The native woman was weeping by the side of the bed. McIntosh, wrapped in a cotton cloth, was too weak to resent a fur coat being thrown over him. He was very active as far as his mind was concerned, and his eyes were blazing. When he had abused the Doctor who came with me so foully that the indignant old fellow left, he cursed me for a few minutes and calmed down.
Then he told his wife to fetch out «The Book» from a hole in the wall. She brought out a big bundle, wrapped in the tail of a petticoat, of old sheets of miscellaneous note-paper, all numbered and covered with fine cramped writing. McIntosh ploughed his hand through the rubbish and stirred it up lovingly.
«This,» he said, «is my work — the Book of McIntosh Jellaludin, showing what he saw and how he lived, and what befell him and others; being also an account of the life and sins and death of Mother Maturin. What Mirza Murad Ali Beg’s book is to all other books on native life, will my work be to Mirza Murad Ali Beg’s!»

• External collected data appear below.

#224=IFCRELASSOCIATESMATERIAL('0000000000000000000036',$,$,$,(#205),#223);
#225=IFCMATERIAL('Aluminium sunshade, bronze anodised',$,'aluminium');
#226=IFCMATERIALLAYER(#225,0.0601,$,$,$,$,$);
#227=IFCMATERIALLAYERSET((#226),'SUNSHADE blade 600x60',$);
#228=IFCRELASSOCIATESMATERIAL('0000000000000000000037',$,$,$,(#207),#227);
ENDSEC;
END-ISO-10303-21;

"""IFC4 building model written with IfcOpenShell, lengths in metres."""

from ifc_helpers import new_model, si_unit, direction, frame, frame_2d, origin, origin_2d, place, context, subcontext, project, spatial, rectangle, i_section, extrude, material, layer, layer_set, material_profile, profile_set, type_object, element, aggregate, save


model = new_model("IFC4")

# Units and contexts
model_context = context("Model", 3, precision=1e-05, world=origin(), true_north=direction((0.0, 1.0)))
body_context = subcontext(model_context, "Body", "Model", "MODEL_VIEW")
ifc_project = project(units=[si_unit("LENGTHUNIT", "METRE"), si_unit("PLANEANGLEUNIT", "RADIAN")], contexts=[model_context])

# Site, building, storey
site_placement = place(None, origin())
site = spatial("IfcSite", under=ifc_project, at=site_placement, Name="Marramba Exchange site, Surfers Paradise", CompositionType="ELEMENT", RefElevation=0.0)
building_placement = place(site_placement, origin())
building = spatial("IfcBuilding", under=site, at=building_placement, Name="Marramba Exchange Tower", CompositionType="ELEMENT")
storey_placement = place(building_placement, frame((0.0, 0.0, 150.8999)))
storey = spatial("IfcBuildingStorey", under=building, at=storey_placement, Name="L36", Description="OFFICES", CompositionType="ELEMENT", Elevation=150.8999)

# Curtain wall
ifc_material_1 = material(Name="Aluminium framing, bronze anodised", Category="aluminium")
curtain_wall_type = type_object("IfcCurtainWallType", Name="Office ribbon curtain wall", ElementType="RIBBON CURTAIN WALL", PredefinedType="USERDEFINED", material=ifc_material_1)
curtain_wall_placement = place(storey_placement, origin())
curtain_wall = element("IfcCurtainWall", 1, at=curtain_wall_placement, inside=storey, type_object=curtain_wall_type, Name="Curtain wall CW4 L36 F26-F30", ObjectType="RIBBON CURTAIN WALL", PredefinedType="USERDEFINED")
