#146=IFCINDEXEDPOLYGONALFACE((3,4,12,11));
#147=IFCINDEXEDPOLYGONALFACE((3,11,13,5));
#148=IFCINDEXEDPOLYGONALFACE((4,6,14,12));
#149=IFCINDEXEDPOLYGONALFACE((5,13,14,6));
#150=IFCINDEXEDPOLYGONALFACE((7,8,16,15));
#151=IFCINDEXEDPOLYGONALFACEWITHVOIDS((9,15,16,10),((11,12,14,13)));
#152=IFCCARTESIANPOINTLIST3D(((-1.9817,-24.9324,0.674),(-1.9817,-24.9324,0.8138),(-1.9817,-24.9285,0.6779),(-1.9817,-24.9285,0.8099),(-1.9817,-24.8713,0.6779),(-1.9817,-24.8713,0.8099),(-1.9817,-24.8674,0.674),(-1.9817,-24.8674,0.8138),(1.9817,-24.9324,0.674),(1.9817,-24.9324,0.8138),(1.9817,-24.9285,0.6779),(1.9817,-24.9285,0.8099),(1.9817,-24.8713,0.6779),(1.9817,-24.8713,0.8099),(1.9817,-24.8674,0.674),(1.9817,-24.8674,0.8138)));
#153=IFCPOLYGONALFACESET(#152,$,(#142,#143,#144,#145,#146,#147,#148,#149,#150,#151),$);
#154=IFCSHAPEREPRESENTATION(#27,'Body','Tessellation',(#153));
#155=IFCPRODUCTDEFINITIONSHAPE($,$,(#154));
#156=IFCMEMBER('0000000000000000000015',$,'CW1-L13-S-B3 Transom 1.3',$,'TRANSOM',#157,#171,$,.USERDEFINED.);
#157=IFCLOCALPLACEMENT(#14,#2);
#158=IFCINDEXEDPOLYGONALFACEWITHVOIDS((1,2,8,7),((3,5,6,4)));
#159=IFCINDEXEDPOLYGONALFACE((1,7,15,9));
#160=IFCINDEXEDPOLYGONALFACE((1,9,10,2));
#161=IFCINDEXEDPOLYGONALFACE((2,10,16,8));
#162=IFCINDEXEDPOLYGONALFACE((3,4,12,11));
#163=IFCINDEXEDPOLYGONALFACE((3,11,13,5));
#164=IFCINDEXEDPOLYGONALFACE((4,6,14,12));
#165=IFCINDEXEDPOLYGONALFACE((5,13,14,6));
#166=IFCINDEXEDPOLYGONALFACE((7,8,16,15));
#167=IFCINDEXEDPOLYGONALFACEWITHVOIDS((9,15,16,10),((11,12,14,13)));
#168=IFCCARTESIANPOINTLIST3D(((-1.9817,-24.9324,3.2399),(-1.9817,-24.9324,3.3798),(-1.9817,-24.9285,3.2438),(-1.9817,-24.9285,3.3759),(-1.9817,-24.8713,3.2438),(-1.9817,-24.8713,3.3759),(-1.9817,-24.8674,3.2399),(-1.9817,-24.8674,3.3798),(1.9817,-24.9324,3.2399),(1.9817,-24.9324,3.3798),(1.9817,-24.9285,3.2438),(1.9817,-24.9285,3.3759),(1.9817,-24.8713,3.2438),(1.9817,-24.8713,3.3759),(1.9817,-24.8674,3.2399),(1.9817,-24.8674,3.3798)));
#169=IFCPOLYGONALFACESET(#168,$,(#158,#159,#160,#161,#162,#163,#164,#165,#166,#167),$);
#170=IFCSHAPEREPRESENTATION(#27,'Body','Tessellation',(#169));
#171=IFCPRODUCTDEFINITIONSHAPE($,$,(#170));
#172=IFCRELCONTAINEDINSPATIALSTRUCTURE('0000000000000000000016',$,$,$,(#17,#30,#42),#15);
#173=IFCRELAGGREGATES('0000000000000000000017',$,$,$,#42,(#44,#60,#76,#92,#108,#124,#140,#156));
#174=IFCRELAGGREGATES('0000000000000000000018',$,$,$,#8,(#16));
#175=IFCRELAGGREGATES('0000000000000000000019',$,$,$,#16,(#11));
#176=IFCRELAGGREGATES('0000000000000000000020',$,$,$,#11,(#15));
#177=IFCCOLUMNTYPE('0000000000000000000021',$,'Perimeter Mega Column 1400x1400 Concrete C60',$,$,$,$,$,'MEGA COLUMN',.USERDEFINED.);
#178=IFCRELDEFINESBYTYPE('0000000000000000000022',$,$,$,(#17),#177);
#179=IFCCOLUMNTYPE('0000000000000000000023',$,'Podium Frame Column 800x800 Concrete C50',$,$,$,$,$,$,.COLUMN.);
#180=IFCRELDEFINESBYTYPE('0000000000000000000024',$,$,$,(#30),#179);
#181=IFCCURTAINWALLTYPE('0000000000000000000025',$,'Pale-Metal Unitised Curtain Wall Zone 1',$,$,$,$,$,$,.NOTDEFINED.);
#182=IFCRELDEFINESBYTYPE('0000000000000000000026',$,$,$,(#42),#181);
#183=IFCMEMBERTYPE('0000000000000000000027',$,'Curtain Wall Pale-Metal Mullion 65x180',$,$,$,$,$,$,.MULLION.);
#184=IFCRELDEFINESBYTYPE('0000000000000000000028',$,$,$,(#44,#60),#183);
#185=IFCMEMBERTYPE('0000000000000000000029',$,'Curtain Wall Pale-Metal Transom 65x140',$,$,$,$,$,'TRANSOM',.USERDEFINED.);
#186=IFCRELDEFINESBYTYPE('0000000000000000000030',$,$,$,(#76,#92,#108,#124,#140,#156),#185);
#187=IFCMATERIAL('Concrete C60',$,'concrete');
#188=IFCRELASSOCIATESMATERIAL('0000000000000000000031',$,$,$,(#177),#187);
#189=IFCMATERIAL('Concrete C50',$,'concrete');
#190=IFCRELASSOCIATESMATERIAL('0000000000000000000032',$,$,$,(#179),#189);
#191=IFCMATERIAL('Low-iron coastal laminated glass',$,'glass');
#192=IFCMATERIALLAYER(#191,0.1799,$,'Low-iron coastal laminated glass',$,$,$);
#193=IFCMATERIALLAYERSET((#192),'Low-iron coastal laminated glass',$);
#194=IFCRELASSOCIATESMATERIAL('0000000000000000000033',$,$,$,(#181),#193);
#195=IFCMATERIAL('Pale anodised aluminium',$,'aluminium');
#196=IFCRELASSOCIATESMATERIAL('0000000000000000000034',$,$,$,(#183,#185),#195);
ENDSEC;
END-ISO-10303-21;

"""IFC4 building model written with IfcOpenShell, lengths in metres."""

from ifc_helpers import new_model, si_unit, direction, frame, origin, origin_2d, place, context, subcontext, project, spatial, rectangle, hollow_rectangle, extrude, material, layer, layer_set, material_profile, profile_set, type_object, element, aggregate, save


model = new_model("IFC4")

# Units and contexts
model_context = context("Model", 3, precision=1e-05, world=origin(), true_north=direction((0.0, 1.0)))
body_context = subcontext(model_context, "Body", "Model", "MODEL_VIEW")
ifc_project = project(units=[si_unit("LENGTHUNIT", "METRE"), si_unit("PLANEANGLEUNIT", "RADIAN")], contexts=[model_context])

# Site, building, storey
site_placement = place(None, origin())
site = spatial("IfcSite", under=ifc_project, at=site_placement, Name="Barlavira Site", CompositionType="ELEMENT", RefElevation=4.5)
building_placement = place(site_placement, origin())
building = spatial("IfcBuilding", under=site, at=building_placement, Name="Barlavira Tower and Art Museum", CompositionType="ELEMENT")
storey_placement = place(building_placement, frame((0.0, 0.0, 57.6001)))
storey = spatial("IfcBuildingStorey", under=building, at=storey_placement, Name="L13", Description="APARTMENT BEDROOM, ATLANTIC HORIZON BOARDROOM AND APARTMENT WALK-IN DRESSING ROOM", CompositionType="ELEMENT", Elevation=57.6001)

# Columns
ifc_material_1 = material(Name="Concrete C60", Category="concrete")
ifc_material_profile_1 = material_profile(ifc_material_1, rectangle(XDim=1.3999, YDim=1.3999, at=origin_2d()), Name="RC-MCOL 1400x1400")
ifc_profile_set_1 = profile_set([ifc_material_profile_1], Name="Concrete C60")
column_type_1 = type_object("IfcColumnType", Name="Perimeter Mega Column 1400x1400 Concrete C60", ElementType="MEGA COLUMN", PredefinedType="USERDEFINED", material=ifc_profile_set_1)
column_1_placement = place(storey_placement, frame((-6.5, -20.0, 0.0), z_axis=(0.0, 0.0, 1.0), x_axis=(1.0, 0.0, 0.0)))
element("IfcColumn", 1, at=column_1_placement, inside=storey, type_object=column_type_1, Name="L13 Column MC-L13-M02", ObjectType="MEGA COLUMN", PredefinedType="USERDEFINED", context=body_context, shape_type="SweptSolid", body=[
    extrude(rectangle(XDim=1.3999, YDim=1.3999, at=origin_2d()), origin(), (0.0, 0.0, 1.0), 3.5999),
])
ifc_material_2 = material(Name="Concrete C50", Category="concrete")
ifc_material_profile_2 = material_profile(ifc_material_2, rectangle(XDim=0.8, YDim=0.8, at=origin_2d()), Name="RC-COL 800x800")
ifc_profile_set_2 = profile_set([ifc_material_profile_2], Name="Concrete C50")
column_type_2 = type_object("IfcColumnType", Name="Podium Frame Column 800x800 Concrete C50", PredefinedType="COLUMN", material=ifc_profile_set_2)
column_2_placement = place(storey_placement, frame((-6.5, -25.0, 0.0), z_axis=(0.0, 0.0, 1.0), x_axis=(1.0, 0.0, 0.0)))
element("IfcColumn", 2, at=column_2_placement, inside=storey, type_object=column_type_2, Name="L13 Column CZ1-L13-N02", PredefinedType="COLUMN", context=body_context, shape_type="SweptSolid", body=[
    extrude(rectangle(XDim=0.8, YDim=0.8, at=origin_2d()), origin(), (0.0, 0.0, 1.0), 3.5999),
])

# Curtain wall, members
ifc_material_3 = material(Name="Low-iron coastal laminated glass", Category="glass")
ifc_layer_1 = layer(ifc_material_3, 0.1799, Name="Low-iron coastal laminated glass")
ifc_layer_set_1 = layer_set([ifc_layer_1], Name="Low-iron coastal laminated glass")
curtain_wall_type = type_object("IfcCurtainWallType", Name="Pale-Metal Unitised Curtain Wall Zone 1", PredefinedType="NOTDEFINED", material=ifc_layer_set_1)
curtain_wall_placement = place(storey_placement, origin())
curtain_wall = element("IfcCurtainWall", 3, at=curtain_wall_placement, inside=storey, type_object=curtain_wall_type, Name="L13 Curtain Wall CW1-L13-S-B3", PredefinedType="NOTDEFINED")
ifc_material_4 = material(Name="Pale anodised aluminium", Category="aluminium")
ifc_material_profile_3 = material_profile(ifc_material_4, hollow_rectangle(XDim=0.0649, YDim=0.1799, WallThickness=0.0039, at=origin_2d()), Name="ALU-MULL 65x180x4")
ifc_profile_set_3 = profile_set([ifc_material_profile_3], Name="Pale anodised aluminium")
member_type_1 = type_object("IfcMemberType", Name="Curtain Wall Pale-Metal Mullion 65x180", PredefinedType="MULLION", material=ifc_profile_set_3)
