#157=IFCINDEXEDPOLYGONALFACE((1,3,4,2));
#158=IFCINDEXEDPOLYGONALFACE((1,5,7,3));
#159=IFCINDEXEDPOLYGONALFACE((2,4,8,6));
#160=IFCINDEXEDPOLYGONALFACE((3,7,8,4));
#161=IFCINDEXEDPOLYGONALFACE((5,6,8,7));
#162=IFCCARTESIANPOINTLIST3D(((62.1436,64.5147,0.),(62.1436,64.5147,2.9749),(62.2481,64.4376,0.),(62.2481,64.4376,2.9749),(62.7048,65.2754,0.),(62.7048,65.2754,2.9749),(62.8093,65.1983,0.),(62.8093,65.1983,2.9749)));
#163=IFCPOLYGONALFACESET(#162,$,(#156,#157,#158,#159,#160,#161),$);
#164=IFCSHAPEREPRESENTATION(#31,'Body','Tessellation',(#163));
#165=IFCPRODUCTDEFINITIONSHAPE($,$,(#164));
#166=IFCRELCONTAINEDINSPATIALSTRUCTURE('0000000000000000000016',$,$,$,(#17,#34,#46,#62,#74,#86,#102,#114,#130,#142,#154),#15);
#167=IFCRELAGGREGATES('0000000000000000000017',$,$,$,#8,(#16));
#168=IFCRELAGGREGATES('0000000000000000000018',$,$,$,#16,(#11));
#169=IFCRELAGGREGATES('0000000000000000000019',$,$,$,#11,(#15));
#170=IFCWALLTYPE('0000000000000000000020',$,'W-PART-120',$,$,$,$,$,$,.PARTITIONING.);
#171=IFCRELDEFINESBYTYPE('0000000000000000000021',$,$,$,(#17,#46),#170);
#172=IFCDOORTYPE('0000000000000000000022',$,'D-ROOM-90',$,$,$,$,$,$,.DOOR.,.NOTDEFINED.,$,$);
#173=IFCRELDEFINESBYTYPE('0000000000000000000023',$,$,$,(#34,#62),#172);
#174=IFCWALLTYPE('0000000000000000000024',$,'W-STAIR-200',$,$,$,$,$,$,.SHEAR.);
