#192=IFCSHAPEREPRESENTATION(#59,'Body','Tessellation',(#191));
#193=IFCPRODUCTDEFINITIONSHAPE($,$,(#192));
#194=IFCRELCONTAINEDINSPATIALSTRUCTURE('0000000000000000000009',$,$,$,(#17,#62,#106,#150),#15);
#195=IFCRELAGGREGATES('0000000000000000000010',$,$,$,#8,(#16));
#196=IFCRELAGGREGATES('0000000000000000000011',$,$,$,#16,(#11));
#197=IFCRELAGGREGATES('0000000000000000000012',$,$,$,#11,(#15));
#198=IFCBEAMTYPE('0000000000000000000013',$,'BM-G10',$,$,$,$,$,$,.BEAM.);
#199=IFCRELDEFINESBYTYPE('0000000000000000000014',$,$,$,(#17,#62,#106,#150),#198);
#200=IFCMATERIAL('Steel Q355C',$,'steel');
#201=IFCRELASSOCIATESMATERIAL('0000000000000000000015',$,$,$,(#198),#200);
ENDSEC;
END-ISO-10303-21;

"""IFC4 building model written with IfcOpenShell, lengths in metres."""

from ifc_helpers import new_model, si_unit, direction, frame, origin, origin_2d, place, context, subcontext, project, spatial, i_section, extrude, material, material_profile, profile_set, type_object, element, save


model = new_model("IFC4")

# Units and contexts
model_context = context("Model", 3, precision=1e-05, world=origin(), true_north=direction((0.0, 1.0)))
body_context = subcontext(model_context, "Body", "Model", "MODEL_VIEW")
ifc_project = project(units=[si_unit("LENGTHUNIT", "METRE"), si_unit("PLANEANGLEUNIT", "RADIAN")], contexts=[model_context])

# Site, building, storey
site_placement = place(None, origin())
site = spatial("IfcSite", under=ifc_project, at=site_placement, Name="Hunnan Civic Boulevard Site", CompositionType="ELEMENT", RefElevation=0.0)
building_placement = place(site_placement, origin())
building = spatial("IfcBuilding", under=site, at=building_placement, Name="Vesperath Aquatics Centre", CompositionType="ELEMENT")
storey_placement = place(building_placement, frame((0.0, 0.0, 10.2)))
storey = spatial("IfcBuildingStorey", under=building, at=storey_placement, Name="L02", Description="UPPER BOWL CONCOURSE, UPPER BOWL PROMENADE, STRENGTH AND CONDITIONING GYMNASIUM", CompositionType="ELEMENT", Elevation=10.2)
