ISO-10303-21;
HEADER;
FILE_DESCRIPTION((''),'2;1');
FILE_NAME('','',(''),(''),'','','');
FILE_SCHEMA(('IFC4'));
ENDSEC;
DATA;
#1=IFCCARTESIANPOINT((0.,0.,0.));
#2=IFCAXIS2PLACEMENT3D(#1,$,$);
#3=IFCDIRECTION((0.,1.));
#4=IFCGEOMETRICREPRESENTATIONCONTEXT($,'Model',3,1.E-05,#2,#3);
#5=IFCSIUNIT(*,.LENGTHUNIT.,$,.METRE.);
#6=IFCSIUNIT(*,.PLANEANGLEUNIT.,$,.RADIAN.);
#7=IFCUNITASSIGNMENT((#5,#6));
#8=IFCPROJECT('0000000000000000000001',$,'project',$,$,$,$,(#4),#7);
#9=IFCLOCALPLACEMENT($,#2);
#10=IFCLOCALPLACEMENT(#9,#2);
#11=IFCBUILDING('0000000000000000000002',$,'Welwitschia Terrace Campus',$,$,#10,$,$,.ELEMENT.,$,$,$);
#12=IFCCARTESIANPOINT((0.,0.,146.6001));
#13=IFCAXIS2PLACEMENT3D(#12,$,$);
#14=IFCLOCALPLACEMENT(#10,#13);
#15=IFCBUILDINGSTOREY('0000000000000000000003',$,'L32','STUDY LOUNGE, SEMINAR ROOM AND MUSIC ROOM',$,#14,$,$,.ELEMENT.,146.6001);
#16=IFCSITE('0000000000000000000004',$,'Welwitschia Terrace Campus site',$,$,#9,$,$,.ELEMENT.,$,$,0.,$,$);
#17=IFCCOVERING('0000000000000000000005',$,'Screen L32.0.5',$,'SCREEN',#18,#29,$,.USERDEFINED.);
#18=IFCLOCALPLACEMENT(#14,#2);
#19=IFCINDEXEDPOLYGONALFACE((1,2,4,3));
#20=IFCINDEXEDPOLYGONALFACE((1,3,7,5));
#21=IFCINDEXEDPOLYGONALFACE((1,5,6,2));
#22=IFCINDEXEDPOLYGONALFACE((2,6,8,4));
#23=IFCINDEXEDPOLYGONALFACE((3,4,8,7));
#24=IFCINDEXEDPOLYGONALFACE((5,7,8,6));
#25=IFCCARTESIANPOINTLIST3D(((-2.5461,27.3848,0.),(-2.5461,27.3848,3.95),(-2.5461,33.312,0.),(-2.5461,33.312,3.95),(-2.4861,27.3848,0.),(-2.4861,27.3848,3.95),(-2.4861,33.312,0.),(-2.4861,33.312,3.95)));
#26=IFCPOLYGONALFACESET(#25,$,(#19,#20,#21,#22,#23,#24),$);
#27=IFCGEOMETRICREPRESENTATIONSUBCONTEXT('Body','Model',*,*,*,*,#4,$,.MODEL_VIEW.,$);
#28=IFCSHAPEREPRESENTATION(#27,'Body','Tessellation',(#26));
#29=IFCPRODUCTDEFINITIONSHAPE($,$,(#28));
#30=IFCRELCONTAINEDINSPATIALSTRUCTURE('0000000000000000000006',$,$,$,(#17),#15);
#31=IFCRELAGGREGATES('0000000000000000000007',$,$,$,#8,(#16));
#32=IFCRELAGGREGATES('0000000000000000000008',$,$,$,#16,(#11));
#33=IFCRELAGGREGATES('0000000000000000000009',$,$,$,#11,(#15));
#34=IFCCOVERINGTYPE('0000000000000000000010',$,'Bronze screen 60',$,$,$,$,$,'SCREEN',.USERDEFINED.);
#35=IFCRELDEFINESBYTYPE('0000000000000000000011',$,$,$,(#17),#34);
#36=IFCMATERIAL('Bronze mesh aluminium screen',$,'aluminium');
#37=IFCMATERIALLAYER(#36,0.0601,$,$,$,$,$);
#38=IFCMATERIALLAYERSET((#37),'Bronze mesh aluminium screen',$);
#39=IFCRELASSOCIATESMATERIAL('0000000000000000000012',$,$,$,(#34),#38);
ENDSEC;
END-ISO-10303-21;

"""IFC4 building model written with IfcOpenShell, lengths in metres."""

from ifc_helpers import new_model, si_unit, direction, frame, origin, origin_2d, place, context, subcontext, project, spatial, rectangle, extrude, material, layer, layer_set, type_object, element, save


model = new_model("IFC4")

# Units and contexts
model_context = context("Model", 3, precision=1e-05, world=origin(), true_north=direction((0.0, 1.0)))
body_context = subcontext(model_context, "Body", "Model", "MODEL_VIEW")
ifc_project = project(units=[si_unit("LENGTHUNIT", "METRE"), si_unit("PLANEANGLEUNIT", "RADIAN")], contexts=[model_context])

# Site, building, storey
site_placement = place(None, origin())
site = spatial("IfcSite", under=ifc_project, at=site_placement, Name="Welwitschia Terrace Campus site", CompositionType="ELEMENT", RefElevation=0.0)
building_placement = place(site_placement, origin())
building = spatial("IfcBuilding", under=site, at=building_placement, Name="Welwitschia Terrace Campus", CompositionType="ELEMENT")
storey_placement = place(building_placement, frame((0.0, 0.0, 146.6001)))
storey = spatial("IfcBuildingStorey", under=building, at=storey_placement, Name="L32", Description="STUDY LOUNGE, SEMINAR ROOM AND MUSIC ROOM", CompositionType="ELEMENT", Elevation=146.6001)

# Covering
ifc_material_1 = material(Name="Bronze mesh aluminium screen", Category="aluminium")
ifc_layer_1 = layer(ifc_material_1, 0.0601)
ifc_layer_set_1 = layer_set([ifc_layer_1], Name="Bronze mesh aluminium screen")
covering_type = type_object("IfcCoveringType", Name="Bronze screen 60", ElementType="SCREEN", PredefinedType="USERDEFINED", material=ifc_layer_set_1)
for number, where, z_axis, x_axis, name in (
    (1, (-2.5161, 30.3484, 0.0), (0.0, 0.0, 1.0), (0.0, -1.0, 0.0), "Screen L32.0.5"),
):
    element("IfcCovering", number, at=place(storey_placement, frame(where, z_axis=z_axis, x_axis=x_axis)), inside=storey, type_object=covering_type, Name=name, ObjectType="SCREEN", PredefinedType="USERDEFINED", context=body_context, shape_type="SweptSolid", body=[
        extrude(rectangle(XDim=5.9272, YDim=0.0601, at=origin_2d()), origin(), (0.0, 0.0, 1.0), 3.95),
    ])

save(model, "model.ifc")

This, as will be conceded by any one who knows Mirza Ali Beg’s book, was a sweeping statement. The papers did not look specially valuable; but McIntosh handled them as if they were currency-notes. Then he said slowly — «In despite the many weaknesses of your education, you have been good to me. I will speak of your tobacco when I reach the Gods. I owe you much thanks for many kindnesses. But I abominate indebtedness. For this reason I bequeath to you now the monument more enduring than brass — my one book — rude and imperfect in parts, but oh, how rare in others! I wonder if you will understand it. It is a gift more honorable than …. Bah! where is my brain rambling to? You will mutilate it horribly. You will knock out the gems you call „Latin quotations,“ you Philistine, and you will butcher the style to carve into your own jerky jargon; but you cannot destroy the whole of it. I bequeath it to you. Ethel. . My brain again!. Mrs. McIntosh, bear witness that I give the sahib all these papers. They would be of no use to you, Heart of my heart; and I lay it upon you,» he turned to me here, «that you do not let my book die in its present form. It is yours unconditionally — the story of McIntosh Jellaludin, which is not the story of McIntosh Jellaludin, but of a greater man than he, and of a far greater woman. Listen now! I am neither mad nor drunk! That book will make you famous.»